This filmmaker from Assam is awakening India’s conscience to the palate of the Northeast

In conversation with a filmmaker who is on the hunt for untold tales, and seems to have an eye for the best frame possible, in absolutely any situation
Hemant Chakma | Pic: Sourced
Hemant Chakma | Pic: Sourced

In 2014, Hemant Chakma watched the American non-verbal documentary Samsara by Ron Fricke. The movie brings to life cultures from around the world, uttering nary a word. “You can pause at any second and that frame could be a wallpaper,” says Hemant. The film urged him down the rabbit hole of fine arts and he ended up graduating in the stream from College of Art, New Delhi, in 2016. A native of Guwahati, Assam, Hemant then worked as an art teacher in Goa and when he moved back home, he took to graffiti and street art, lighting up the streets of Guwahati.

In 2018, however, an opportunity to join as a fellow in an organisation called Greenhouse came calling and Hemant was intrigued. The organisation trains 20 filmmakers to create short films on the environment, the threat it faces and the need to preserve it. “We went to different locations, met with different communities and learnt how they each connect with their forests in a unique way,” Hemant shares.

The movie covers loss of habitat in the Karbi Anglong forest in Assam, and was selected for the Woodpecker International Film Festival in 2019

That tryst led him to create two insightful documentaries on the lives of the people in the Northeast. As part of a project for the Tata trust and the ONGC, Hemant travelled to Nagaland’s Mon’s district which was ravaged by an opium crisis — 90 per cent of the population in Pessao village was addicted to the drug, he claims. The movie, titled Combating Opium, is a 9-minute-long commentary on how the drug had infested the lives of the people there. “I was looking for their attire and their emotions, and trying to capture the infrastructure in their village. The portrait of the people and of the place they live in was the lens through which we brought forth the troubles they were facing,” Hemant shares. To overcome the communication gap, they took into confidence one of the members of the community and explained to him that the film will help them get support from the government. And it worked. Alongside a movement from student unions demanding action from the authorities, the film managed to shed light on the issue and today, Hemant says that a majority of the population is free from addiction.

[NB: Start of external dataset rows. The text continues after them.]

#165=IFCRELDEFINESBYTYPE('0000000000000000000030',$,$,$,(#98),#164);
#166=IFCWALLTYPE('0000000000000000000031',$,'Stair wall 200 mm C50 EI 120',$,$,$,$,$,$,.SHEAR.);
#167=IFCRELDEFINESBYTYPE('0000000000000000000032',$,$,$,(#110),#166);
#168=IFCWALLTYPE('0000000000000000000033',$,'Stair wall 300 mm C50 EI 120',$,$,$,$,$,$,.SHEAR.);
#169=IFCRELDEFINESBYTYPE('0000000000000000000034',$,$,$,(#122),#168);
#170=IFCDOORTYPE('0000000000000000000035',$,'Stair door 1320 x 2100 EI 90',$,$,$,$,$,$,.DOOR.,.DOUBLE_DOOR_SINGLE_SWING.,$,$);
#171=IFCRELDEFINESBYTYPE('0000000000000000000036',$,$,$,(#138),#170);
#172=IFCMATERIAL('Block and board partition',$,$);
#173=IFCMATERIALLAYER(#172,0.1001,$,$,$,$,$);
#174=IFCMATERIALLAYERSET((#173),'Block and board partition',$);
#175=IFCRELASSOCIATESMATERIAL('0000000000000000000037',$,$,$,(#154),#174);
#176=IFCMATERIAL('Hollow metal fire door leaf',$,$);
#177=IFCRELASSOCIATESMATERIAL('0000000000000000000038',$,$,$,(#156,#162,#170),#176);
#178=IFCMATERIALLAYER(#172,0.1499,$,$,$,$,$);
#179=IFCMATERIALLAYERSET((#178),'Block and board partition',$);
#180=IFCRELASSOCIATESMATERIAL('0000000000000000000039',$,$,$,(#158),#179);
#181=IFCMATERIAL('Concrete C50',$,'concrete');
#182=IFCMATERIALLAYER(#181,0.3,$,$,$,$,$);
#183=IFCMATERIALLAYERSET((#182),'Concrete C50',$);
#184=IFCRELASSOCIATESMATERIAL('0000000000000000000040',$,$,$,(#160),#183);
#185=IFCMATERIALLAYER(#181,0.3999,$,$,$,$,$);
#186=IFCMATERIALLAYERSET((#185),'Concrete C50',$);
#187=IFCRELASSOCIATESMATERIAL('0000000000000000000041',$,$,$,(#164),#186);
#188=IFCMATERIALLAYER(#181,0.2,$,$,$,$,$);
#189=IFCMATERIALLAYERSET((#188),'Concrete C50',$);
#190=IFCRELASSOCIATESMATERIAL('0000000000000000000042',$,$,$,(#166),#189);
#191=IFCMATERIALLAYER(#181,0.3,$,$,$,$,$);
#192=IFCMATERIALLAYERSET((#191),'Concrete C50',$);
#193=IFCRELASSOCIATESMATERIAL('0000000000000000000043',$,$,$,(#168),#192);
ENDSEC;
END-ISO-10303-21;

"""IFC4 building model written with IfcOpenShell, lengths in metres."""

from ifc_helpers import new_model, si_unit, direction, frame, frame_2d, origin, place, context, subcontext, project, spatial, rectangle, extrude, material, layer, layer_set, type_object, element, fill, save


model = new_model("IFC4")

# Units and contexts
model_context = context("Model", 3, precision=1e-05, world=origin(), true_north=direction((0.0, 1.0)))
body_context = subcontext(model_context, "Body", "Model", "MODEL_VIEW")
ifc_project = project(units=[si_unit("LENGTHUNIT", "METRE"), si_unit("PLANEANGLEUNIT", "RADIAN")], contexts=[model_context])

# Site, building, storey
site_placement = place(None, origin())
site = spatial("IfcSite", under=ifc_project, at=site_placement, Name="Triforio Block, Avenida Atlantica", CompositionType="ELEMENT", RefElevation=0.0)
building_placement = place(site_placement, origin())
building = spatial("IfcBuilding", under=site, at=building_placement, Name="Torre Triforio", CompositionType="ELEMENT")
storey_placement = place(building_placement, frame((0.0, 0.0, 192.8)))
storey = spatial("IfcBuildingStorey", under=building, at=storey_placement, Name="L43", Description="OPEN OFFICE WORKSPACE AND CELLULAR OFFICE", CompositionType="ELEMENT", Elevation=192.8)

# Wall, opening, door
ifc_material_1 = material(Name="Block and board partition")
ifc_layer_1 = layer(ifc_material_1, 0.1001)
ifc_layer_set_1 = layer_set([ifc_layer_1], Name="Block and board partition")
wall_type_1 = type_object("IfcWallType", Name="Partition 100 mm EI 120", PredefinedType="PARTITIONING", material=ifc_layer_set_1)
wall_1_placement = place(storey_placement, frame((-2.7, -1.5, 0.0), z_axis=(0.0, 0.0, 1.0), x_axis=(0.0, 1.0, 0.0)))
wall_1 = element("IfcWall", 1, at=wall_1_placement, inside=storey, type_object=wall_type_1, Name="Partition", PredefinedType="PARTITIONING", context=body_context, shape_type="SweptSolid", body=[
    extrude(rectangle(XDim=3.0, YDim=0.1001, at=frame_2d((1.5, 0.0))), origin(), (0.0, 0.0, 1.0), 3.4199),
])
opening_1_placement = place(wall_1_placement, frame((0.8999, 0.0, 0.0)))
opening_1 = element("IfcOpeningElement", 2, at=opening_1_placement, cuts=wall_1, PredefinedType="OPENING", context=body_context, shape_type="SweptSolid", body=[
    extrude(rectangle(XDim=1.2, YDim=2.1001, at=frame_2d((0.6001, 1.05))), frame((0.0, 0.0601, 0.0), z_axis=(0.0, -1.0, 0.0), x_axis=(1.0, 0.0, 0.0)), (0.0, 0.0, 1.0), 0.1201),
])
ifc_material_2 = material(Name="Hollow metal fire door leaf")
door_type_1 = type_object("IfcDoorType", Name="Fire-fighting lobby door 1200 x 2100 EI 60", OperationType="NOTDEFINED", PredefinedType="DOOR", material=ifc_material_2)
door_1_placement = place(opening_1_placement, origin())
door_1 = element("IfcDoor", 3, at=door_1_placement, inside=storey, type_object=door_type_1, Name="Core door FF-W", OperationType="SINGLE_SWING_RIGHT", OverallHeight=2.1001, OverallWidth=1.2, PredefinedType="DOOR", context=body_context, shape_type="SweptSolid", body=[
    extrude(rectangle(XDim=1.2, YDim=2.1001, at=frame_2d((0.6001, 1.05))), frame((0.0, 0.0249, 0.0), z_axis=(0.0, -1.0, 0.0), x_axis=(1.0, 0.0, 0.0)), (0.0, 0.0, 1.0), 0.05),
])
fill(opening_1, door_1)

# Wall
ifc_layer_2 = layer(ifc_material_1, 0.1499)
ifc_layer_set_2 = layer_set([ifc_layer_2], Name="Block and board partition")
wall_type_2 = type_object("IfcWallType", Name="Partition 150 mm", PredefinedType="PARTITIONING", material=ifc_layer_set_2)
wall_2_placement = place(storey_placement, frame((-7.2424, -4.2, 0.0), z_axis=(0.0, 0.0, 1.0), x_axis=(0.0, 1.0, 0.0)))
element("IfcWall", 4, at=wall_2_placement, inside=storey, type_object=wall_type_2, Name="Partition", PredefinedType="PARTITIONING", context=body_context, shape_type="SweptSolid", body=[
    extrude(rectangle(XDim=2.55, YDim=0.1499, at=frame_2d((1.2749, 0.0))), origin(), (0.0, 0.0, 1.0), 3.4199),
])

Hemant is currently working as a Cinematographer for plucktv, an organisation that creates short films to throw light on various issues. He has created films for rural women in Uttar Pradesh who sell handmade products, but are unable to reach a large audience

The 30-year-old cinematographer’s next mission was the Karbi Anglong district, which happens to be the largest in Assam. Blessed with thick forests, also known as ‘haabit’ in the local language, the forests are under threat due to human settlements and the inclination towards shifting agriculture. The movie is titled Haabit For Life: Along The Amlong River and it was selected for the Woodpecker International Film Festival in 2019. Hemant says that the recognition was unexpected and he made it with an idea of creating awareness about biodiversity among the people. “I want to talk about different types of tribes in Kerala and Chhattisgarh too. Some of them are not even recognised by the government and I believe that they are the treasures of the country,” he says.